Mas, não totalmente.
A obra-prima que eles criaram e ofereceram ao mundo, ficou.
Assim como sua arte e sabedoria.
Sabedoria ao tirar do solo o alimento, mas sem destruí-lo.
Sabedoria em atuar em harmonia com a paisagem natural, sem tentar modificá-la.
Sabedoria ao identificar a água, como o bem mais precioso do planeta, e respeitar seus ciclos.
O império foi destruído. Os ensinamentos ficaram.

E uma parte preciosa dessa herança, é o Caminho do Peabiru. Grande desses canais está soterrado, escondido pela vegetação, ou destruído pela urbanização. Mas o caminho principal e alguns trechos dessa rede ainda podem ser percorridos. 

O Caminho do Peabiru e o cicloturismo

O Governo do Estado do Paraná lançou um projeto para restaurar e revitalizar essa rede de canais que corta o estado, e percorre 86 municípios paranaenses, como opção de turismo sustentável. E fazer cicloturismo no Caminho do Peabiru, é render homenagem a esse povo excepcional, que sem qualquer tipo de tecnologia para os auxiliar, diante de condições climáticas extremas, construiu o maior império das Américas e deixou lições de sustentabilidade inestimáveis para os dias de hoje.

Assim como os caminhos secundários, a rota principal também poderá ser percorrida.
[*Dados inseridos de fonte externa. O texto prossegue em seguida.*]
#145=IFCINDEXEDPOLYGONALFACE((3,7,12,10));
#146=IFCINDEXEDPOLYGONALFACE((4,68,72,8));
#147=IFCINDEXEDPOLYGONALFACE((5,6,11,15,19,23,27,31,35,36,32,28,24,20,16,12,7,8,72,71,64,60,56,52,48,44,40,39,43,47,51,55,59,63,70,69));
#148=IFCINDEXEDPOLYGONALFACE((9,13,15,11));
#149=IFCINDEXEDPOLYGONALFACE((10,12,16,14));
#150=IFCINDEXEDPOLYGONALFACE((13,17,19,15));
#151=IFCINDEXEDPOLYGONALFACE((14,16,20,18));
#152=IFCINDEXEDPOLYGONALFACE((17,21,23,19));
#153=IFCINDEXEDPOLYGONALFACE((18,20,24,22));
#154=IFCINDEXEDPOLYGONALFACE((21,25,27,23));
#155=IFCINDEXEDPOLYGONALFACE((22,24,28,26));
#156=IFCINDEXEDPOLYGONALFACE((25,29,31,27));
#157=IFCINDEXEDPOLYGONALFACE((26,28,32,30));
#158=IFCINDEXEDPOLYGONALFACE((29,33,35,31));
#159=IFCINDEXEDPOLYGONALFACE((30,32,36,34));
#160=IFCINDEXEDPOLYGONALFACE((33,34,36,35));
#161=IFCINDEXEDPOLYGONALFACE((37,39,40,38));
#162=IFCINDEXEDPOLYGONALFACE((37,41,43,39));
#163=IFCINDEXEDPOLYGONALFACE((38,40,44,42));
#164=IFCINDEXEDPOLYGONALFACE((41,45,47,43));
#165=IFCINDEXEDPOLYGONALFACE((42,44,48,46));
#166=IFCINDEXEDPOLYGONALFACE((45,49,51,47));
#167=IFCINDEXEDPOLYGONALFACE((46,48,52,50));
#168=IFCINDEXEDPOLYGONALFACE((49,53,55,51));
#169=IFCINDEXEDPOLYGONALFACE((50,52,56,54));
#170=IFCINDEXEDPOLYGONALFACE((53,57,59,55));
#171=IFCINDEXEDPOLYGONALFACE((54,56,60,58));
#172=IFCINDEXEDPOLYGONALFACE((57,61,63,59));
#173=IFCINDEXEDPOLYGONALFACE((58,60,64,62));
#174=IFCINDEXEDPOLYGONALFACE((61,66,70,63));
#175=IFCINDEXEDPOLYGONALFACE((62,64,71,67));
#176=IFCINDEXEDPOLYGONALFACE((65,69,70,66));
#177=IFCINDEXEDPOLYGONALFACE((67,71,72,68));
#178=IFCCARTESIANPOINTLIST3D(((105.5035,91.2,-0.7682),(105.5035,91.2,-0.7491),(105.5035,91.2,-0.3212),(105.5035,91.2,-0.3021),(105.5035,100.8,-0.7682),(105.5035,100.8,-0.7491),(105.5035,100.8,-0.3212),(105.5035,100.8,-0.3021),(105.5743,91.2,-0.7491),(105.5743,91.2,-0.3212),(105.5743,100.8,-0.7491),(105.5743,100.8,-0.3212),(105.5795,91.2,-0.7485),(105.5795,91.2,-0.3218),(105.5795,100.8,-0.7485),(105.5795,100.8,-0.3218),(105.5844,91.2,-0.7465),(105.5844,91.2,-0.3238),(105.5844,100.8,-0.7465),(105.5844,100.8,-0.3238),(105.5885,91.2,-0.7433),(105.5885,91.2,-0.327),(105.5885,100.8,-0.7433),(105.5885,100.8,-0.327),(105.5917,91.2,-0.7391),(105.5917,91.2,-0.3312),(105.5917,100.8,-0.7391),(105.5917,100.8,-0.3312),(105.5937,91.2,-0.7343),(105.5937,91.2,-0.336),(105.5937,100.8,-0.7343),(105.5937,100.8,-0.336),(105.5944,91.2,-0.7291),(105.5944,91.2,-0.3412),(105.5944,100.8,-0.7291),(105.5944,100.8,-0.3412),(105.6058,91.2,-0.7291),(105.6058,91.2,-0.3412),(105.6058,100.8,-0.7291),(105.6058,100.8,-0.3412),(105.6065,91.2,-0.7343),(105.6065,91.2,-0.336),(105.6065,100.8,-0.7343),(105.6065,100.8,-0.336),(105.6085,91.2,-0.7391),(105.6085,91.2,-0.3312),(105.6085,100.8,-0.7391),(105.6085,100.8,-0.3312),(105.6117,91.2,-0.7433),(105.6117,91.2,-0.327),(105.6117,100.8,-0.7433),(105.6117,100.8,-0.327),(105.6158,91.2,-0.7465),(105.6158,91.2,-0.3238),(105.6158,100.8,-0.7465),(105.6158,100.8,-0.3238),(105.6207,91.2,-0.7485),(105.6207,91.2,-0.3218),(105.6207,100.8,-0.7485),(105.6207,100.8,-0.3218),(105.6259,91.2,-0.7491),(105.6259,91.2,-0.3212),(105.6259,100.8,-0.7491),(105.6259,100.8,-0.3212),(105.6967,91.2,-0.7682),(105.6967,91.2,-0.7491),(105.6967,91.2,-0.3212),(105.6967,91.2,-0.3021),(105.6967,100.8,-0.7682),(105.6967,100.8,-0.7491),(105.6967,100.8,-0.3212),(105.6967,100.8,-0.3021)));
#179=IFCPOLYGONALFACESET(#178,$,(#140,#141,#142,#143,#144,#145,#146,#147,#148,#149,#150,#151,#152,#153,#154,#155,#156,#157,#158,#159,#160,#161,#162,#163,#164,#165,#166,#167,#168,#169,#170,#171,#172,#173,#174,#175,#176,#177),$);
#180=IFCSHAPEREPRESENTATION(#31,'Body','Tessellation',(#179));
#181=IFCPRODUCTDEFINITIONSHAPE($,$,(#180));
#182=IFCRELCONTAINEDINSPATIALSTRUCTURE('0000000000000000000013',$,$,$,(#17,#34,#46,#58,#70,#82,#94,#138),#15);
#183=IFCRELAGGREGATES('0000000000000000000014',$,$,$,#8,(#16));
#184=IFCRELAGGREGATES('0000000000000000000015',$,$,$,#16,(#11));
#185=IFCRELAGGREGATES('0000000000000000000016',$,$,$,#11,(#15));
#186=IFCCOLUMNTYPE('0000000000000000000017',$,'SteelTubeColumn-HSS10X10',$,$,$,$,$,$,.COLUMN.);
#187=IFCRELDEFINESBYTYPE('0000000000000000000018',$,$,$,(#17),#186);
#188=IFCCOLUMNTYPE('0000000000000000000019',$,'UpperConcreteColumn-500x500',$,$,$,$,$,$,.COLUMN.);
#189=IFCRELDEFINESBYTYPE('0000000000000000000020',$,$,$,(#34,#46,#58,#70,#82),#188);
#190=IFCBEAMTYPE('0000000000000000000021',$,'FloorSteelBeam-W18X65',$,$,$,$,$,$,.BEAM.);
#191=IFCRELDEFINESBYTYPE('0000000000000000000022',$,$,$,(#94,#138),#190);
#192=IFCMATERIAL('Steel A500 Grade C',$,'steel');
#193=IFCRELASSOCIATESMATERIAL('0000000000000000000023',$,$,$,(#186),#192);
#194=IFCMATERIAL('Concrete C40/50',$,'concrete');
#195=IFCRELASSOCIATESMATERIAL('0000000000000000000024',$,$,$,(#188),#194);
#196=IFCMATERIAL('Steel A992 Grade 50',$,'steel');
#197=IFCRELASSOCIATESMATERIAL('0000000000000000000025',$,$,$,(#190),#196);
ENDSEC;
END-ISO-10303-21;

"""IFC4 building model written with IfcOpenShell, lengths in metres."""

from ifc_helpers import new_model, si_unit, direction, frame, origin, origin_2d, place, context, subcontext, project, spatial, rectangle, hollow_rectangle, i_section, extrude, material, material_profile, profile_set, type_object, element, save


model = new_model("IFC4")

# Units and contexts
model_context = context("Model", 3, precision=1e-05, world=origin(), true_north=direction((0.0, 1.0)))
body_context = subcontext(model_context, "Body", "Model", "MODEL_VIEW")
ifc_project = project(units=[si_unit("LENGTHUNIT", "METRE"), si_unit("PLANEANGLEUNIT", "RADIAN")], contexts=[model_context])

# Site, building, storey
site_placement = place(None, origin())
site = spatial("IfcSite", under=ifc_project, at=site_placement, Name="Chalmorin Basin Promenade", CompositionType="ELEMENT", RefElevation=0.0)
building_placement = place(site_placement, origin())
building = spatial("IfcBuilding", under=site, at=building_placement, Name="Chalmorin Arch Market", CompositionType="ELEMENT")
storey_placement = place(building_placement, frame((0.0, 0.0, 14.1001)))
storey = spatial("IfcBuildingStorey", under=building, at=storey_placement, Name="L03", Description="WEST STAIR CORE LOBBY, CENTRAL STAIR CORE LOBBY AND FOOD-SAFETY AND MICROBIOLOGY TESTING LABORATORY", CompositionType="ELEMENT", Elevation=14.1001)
O cicloturismo no Caminho do Peabiru pode ser executado também no eixo principalem toda sua extensão. Com disposição e espírito de aventura, o viajante irá sair do verde da Mata Atlântica diretamente para a paisagem árida e colorida da Patagônia, até chegar nas montanhas nevadas. 

A pé, de bicicleta… carregando apenas uma mochila nas costas.

Ciclo aventura o Caminho do Peabiru. Foto: Ivan Mendes © Lobi Ciclotur

O cicloturismo no Caminho do Peabiru levará o cicloviajante até onde as rochas se encontram com o céu. Onde o condor, o pássaro gigante, faz seu voo solitário sobre a beleza plácida da paisagem que serviu de morada para uma civilização incrivelmente talentosa e misteriosa, que esculpiu nas montanhas da cordilheira, uma história. A história de um povo que desafiou todas os obstáculos e se tornou um império.